Although the island is less densely populated than some of its neighbours, St Lucia has a pretty well-developed tourist industry which is about to take off big time, kick-started by the 2007 Cricket World Cup, when England's 10,000-strong Barmy Army of travelling fans will descend on St Lucia for sun, sand, rum, reggae and the occasional thwack of leather on willow. Developers have glimpsed a real window of opportunity and, with the St Lucia government offering selected tax breaks, have been building everything from traditional beachside villas to exotic boutique hotels tucked away in some of the island's many secluded beauty spots, such as Calabash Cove, pictured on the cover.

If, as seems increasingly likely, Barbados starts to succumb to development fatigue, St Lucia is ready to slug it out with Antigua for the tag of Best of the Rest among British holidaymakers and second-home owners.

Not all of the development is sympathetic. There are one or two lurid eyesores, particularly in the popular Rodney Bay area.

And watch out for slick promotional brochures featuring virgin-sand beach scenes photographed hundreds of miles from St Lucia. But there is good stuff on the market and, if you love the Caribbean, with its lazy, unkempt charm, you can hardly fail to warm to St Lucia, which has all those qualities and more.

One of the most striking things about the island is how quickly it seems to be moving upmarket despite recent publicity about the violence on the island. In the Nineties, St Lucia was pretty much associated with three-star hotels and apartments: pleasant bolt-holes, but nothing flash.

Now it is the top end of the market where there is the greatest activity, with a raft of tempting part-ownership options for people who want to spend a few weeks a year in St Lucia, then earn rental income the rest of the time.

When I first visited St Lucia, in 1992, it was still what it had been for years: an island dominated, economically, by its banana industry.

Bulging banana boats plied the route from the Caribbean to Britain. Now you are likely to see the banana groves hacked down to make room for Greg Norman-designed golf courses or state-of-the-art spas. The villas at the Jalousie Plantation, on the west coast, are typical of the new-look St Lucia.

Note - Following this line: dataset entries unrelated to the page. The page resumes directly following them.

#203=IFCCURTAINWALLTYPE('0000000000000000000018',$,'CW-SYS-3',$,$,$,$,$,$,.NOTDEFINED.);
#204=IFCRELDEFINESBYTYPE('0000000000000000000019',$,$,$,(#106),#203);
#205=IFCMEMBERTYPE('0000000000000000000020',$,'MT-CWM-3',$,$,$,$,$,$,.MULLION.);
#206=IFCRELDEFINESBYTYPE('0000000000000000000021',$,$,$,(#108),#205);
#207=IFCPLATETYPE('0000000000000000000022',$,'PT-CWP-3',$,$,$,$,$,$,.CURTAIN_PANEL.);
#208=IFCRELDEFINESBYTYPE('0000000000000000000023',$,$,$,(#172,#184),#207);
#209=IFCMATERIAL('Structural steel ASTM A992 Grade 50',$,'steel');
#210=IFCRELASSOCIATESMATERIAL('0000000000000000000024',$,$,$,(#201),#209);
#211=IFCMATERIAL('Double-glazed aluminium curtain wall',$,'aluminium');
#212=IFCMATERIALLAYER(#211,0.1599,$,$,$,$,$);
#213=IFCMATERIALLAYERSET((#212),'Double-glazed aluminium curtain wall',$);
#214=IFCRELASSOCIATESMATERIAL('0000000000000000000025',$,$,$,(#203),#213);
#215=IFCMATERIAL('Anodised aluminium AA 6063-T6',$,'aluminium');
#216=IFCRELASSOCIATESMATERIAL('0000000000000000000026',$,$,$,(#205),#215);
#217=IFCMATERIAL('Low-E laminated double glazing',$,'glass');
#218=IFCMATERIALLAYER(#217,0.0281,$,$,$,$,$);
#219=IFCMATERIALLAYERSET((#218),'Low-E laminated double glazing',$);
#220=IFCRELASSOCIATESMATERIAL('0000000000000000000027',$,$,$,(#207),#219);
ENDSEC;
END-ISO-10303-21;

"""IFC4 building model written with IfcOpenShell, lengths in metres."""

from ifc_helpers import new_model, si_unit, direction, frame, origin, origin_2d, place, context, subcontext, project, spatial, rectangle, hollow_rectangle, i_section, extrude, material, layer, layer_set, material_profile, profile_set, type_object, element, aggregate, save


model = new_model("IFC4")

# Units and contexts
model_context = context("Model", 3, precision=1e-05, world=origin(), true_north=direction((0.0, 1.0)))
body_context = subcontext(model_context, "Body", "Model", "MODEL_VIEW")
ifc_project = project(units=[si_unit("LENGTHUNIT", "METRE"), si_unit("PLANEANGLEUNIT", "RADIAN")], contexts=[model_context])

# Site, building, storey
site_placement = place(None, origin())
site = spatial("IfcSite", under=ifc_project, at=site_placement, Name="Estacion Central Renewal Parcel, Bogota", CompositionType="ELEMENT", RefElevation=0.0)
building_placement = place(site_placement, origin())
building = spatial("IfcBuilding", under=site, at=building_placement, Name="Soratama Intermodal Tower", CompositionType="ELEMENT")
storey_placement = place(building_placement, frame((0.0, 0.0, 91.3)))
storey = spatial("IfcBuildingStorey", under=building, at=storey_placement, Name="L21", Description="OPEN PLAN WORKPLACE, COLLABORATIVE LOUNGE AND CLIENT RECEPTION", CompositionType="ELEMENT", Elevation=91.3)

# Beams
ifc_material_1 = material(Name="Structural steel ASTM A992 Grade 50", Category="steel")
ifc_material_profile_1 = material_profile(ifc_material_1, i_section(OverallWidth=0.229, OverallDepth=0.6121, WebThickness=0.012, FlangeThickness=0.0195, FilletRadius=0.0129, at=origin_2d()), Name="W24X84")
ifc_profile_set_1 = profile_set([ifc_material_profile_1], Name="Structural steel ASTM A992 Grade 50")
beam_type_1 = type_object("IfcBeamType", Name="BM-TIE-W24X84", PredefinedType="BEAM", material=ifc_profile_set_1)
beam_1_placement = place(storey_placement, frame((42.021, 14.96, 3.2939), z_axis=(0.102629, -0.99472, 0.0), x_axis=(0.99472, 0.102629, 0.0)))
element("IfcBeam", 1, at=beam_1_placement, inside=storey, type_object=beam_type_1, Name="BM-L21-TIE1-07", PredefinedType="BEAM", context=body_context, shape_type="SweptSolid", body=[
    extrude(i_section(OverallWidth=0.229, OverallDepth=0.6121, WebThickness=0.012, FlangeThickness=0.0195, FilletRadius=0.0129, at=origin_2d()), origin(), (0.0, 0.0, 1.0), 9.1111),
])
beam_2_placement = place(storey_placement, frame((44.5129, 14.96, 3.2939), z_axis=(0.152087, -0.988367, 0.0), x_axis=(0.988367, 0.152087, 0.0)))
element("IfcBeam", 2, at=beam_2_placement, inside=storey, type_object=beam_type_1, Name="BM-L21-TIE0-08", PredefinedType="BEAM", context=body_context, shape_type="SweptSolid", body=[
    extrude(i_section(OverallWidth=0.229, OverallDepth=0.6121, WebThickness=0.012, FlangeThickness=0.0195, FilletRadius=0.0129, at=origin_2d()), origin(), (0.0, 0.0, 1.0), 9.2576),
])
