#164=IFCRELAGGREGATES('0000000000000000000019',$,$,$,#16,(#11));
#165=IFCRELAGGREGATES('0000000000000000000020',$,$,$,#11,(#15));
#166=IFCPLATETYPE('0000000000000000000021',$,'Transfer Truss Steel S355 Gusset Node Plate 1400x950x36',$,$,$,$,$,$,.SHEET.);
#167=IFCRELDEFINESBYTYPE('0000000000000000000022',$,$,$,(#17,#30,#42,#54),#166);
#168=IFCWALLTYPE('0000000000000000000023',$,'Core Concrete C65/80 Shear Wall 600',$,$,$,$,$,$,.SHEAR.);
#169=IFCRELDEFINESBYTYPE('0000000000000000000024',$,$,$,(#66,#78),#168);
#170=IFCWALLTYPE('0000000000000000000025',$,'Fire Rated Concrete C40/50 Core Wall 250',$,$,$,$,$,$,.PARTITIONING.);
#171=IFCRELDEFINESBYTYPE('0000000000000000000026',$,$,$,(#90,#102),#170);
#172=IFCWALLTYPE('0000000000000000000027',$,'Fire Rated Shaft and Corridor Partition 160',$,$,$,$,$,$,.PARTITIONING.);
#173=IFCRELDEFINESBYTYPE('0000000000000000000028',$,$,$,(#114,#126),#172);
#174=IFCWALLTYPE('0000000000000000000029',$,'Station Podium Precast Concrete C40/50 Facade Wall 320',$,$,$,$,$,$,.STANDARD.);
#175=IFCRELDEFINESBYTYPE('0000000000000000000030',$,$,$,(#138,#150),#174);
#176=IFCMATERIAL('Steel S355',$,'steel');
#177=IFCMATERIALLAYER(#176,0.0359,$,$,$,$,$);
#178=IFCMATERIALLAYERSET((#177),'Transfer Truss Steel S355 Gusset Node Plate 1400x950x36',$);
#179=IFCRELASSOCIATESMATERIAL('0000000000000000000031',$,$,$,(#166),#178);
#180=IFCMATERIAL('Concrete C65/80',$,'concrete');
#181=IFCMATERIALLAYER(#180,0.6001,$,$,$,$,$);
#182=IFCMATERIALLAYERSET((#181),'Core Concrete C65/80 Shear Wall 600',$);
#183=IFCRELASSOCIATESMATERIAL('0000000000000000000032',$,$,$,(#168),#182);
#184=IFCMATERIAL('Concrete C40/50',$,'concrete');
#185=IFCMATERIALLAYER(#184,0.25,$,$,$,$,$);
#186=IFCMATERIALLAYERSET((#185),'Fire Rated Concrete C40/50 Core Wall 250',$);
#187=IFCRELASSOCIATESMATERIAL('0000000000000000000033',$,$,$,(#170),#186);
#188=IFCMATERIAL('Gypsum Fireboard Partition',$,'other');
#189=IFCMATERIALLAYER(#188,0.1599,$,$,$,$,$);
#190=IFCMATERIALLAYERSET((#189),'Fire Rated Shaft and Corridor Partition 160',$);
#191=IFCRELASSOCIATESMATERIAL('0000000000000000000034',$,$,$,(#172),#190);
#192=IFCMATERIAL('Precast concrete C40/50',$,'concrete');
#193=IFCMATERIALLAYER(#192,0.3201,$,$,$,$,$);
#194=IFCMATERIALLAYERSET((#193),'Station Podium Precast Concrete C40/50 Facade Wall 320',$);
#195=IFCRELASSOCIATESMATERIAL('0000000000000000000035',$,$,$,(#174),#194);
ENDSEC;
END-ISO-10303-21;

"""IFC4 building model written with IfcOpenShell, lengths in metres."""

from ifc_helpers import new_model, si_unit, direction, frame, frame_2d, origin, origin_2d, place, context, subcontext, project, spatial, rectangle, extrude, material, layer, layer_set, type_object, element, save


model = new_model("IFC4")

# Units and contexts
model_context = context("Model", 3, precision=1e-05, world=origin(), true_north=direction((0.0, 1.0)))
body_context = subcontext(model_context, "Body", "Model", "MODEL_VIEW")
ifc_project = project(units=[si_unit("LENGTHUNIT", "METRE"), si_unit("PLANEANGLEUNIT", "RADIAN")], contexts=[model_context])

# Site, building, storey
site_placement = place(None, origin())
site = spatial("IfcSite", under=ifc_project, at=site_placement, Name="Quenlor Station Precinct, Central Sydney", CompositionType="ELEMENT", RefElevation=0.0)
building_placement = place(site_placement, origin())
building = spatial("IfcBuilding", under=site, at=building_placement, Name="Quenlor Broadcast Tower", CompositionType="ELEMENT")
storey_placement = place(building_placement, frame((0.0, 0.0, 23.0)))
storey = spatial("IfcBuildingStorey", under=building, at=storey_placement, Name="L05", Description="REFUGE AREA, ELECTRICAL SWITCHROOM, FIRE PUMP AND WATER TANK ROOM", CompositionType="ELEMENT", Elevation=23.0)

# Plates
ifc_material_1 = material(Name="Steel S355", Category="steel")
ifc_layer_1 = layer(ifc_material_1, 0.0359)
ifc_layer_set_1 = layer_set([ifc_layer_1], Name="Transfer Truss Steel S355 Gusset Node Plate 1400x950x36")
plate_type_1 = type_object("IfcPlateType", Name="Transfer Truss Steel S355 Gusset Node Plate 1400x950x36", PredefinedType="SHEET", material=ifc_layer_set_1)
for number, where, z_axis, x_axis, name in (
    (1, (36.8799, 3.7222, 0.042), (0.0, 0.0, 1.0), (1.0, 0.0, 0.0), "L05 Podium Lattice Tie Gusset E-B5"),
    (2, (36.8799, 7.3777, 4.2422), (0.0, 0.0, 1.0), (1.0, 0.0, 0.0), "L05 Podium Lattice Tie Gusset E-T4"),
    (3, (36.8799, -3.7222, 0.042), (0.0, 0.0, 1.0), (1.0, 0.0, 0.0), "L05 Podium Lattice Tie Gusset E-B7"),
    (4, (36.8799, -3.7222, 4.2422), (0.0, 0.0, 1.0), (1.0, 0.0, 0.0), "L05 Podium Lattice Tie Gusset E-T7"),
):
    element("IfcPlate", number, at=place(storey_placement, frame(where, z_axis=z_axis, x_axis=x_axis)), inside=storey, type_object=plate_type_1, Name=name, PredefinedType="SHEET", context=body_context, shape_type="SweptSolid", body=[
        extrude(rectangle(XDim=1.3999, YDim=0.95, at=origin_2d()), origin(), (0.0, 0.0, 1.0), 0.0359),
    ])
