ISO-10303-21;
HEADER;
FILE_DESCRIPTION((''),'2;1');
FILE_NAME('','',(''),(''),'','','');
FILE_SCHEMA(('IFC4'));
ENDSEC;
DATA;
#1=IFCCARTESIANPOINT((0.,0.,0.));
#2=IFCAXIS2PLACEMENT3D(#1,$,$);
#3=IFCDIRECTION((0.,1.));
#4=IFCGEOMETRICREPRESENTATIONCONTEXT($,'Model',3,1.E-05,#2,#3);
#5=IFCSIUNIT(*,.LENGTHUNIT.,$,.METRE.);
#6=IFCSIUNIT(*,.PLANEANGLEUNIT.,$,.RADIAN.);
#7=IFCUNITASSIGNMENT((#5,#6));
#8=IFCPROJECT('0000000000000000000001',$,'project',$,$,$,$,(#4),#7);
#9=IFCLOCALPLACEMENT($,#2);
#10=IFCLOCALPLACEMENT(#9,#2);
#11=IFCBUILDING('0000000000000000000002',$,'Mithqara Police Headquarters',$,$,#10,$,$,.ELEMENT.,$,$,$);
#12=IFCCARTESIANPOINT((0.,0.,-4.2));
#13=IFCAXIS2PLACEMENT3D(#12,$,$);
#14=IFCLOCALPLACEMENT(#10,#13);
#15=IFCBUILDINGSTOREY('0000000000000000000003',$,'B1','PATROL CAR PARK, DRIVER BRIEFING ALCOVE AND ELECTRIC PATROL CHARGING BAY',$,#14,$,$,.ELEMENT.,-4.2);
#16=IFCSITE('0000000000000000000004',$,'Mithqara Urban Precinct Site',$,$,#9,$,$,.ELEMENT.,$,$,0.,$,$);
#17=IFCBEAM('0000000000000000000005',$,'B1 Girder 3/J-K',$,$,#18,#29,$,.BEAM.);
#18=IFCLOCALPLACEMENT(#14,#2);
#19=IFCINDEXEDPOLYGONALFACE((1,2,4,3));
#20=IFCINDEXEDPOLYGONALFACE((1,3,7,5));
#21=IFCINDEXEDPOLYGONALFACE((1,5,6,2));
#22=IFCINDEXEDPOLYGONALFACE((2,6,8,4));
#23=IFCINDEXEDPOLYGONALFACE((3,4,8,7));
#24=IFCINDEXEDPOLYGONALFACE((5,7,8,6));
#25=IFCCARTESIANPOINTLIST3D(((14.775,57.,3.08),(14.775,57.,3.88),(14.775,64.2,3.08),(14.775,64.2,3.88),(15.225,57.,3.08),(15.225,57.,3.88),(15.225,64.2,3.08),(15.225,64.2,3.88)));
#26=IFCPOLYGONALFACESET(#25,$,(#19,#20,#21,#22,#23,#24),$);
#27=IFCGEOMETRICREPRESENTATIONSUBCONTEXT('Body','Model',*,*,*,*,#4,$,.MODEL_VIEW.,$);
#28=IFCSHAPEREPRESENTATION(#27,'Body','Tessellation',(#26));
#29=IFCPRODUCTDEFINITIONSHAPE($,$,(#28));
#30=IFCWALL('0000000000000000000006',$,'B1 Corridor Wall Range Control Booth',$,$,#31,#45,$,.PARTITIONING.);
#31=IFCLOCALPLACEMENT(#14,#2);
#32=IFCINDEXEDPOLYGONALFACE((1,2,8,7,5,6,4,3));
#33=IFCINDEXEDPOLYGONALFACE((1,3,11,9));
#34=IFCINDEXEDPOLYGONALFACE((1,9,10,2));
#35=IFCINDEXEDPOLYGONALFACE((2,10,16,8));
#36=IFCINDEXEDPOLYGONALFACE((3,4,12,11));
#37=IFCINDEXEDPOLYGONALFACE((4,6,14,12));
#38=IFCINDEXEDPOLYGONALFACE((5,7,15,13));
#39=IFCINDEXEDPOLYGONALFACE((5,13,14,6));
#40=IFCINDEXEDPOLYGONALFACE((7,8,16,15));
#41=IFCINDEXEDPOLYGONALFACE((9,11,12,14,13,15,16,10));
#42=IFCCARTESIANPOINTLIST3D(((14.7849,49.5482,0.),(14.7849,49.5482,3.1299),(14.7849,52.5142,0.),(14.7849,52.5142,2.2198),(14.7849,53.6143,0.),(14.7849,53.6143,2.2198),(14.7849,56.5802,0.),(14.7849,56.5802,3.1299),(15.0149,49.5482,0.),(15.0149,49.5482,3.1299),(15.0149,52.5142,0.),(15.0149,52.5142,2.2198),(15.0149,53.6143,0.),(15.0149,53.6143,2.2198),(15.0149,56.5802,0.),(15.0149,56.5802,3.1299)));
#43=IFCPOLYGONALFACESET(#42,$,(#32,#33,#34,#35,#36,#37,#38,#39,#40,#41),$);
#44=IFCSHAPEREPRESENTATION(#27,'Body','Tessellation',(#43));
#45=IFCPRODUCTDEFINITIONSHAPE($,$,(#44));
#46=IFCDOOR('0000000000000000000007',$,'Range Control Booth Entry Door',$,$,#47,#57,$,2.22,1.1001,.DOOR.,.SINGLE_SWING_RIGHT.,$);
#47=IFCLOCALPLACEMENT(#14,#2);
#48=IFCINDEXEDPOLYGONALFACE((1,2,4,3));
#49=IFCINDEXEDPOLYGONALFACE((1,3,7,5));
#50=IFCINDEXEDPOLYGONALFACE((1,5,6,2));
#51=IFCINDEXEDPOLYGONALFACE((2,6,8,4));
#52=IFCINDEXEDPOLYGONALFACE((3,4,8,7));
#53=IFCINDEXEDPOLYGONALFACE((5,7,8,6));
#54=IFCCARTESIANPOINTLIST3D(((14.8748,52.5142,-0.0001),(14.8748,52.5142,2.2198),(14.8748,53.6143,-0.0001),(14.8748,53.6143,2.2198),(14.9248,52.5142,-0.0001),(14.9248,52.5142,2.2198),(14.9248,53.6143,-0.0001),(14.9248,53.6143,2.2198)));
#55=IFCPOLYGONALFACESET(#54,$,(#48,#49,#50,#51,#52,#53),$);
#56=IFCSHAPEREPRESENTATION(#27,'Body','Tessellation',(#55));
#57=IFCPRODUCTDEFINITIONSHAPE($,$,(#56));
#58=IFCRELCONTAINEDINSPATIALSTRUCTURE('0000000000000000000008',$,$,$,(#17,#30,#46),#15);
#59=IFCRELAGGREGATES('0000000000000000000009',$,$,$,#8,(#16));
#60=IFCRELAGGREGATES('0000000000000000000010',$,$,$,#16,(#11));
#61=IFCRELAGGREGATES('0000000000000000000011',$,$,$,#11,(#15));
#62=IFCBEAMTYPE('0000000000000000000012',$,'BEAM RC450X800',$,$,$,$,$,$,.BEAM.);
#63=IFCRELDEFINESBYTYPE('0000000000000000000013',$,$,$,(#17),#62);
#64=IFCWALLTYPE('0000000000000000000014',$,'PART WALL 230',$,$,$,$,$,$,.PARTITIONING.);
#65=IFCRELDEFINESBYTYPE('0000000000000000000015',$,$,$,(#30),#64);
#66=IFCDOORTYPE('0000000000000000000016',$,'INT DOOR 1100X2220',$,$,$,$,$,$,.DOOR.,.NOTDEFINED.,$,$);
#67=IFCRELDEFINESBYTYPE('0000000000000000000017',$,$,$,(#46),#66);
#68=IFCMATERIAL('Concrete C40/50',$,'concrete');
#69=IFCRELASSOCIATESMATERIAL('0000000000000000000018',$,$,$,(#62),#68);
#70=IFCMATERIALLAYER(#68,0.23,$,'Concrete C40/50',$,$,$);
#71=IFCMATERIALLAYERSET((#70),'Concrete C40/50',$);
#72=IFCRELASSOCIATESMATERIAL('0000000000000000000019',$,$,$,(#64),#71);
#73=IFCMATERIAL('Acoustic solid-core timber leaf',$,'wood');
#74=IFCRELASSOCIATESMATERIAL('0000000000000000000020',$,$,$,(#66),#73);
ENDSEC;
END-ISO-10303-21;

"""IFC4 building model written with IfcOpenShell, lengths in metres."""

from ifc_helpers import new_model, si_unit, direction, frame, frame_2d, origin, origin_2d, place, context, subcontext, project, spatial, rectangle, extrude, material, layer, layer_set, material_profile, profile_set, type_object, element, fill, save


model = new_model("IFC4")

# Units and contexts
model_context = context("Model", 3, precision=1e-05, world=origin(), true_north=direction((0.0, 1.0)))
body_context = subcontext(model_context, "Body", "Model", "MODEL_VIEW")
ifc_project = project(units=[si_unit("LENGTHUNIT", "METRE"), si_unit("PLANEANGLEUNIT", "RADIAN")], contexts=[model_context])

# Site, building, storey
site_placement = place(None, origin())
site = spatial("IfcSite", under=ifc_project, at=site_placement, Name="Mithqara Urban Precinct Site", CompositionType="ELEMENT", RefElevation=0.0)
building_placement = place(site_placement, origin())
building = spatial("IfcBuilding", under=site, at=building_placement, Name="Mithqara Police Headquarters", CompositionType="ELEMENT")
storey_placement = place(building_placement, frame((0.0, 0.0, -4.2)))
storey = spatial("IfcBuildingStorey", under=building, at=storey_placement, Name="B1", Description="PATROL CAR PARK, DRIVER BRIEFING ALCOVE AND ELECTRIC PATROL CHARGING BAY", CompositionType="ELEMENT", Elevation=-4.2)

# Shared definitions
ifc_material_1 = material(Name="Concrete C40/50", Category="concrete")

# Beam
ifc_material_profile_1 = material_profile(ifc_material_1, rectangle(XDim=0.45, YDim=0.8, at=origin_2d()), Name="RC 450x800")
ifc_profile_set_1 = profile_set([ifc_material_profile_1], Name="Concrete C40/50")
beam_type_1 = type_object("IfcBeamType", Name="BEAM RC450X800", PredefinedType="BEAM", material=ifc_profile_set_1)
beam_1_placement = place(storey_placement, frame((15.0, 57.0, 3.48), z_axis=(0.0, 1.0, 0.0), x_axis=(-1.0, 0.0, 0.0)))
element("IfcBeam", 1, at=beam_1_placement, inside=storey, type_object=beam_type_1, Name="B1 Girder 3/J-K", PredefinedType="BEAM", context=body_context, shape_type="SweptSolid", body=[
    extrude(rectangle(XDim=0.45, YDim=0.8, at=origin_2d()), origin(), (0.0, 0.0, 1.0), 7.2),
])

# Wall, opening, door
ifc_layer = layer(ifc_material_1, 0.23, Name="Concrete C40/50")
ifc_layer_set = layer_set([ifc_layer], Name="Concrete C40/50")
wall_type = type_object("IfcWallType", Name="PART WALL 230", PredefinedType="PARTITIONING", material=ifc_layer_set)
wall_placement = place(storey_placement, frame((14.8999, 49.5481, 0.0), z_axis=(0.0, 0.0, 1.0), x_axis=(0.0, 1.0, 0.0)))
wall = element("IfcWall", 2, at=wall_placement, inside=storey, type_object=wall_type, Name="B1 Corridor Wall Range Control Booth", PredefinedType="PARTITIONING", context=body_context, shape_type="SweptSolid", body=[
    extrude(rectangle(XDim=7.032, YDim=0.23, at=frame_2d((3.5161, 0.0))), origin(), (0.0, 0.0, 1.0), 3.1299),
])
opening_placement = place(wall_placement, frame((2.9661, 0.0, 0.0)))
opening = element("IfcOpeningElement", 3, at=opening_placement, cuts=wall, PredefinedType="OPENING", context=body_context, shape_type="SweptSolid", body=[
    extrude(rectangle(XDim=1.1001, YDim=2.22, at=frame_2d((0.55, 1.1099))), frame((0.0, 0.125, 0.0), z_axis=(0.0, -1.0, 0.0), x_axis=(1.0, 0.0, 0.0)), (0.0, 0.0, 1.0), 0.25),
])
ifc_material_2 = material(Name="Acoustic solid-core timber leaf", Category="wood")
door_type = type_object("IfcDoorType", Name="INT DOOR 1100X2220", OperationType="NOTDEFINED", PredefinedType="DOOR", material=ifc_material_2)
door_placement = place(opening_placement, frame((1.1001, 0.0, 0.0), z_axis=(0.0, 0.0, 1.0), x_axis=(-1.0, 0.0, 0.0)))
door = element("IfcDoor", 4, at=door_placement, inside=storey, type_object=door_type, Name="Range Control Booth Entry Door", OperationType="SINGLE_SWING_RIGHT", OverallHeight=2.22, OverallWidth=1.1001, PredefinedType="DOOR", context=body_context, shape_type="SweptSolid", body=[
    extrude(rectangle(XDim=1.1001, YDim=2.22, at=frame_2d((0.55, 1.1099))), frame((0.0, 0.0249, 0.0), z_axis=(0.0, -1.0, 0.0), x_axis=(1.0, 0.0, 0.0)), (0.0, 0.0, 1.0), 0.05),
])
fill(opening, door)

save(model, "model.ifc")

Situated between the twin peaks of the famous Pitons, one of the most breath-taking views in the whole Caribbean, the renovated villas are furnished to the highest standards and, thanks to a mandatory "rental pool agreement", offer outstanding investment potential as well as a dreamy setting for an away-from-it-all tropical holiday.

The basic deal is that you purchase a villa - prices start at £270,000 - which you are then entitled to occupy for a minimum of four weeks in any 12-month period.

The rest of the time it is let, with a predicted return on investment (ROI) of between six and seven per cent based on 80 per cent occupancy.

The bottom-line arithmetic is certainly compelling enough to have tempted David and Jane Purchase, from Oxfordshire, to take the plunge. Although they are widely travelled, it is the first time they have invested in property outside the UK. But St Lucia seemed to tick most of the right boxes.

"The island has a common law system, which simplifies property-buying, and is also stable politically," says David, a media consultant. "We checked out Jamaica, but were not sure it had the same degree of stability. The closeness of the Caribbean to America is also important if you want to maximise your rental income."

At Jalousie, where they have bought a villa off-plan for £295,000, it was the fact that the villas were being re-designed by the renowned architect Lane Pettifer that proved one of the clinchers.

"He knows how to use high-quality local materials to create an authentic Caribbean feel. How much time will we spend at Jalousie ourselves? I am not sure. We have bought the villa mainly as an investment but it can't be bad having a World Heritage Site like the Pitons on your doorstep, can it? It is one of the most stunning locations I have seen anywhere."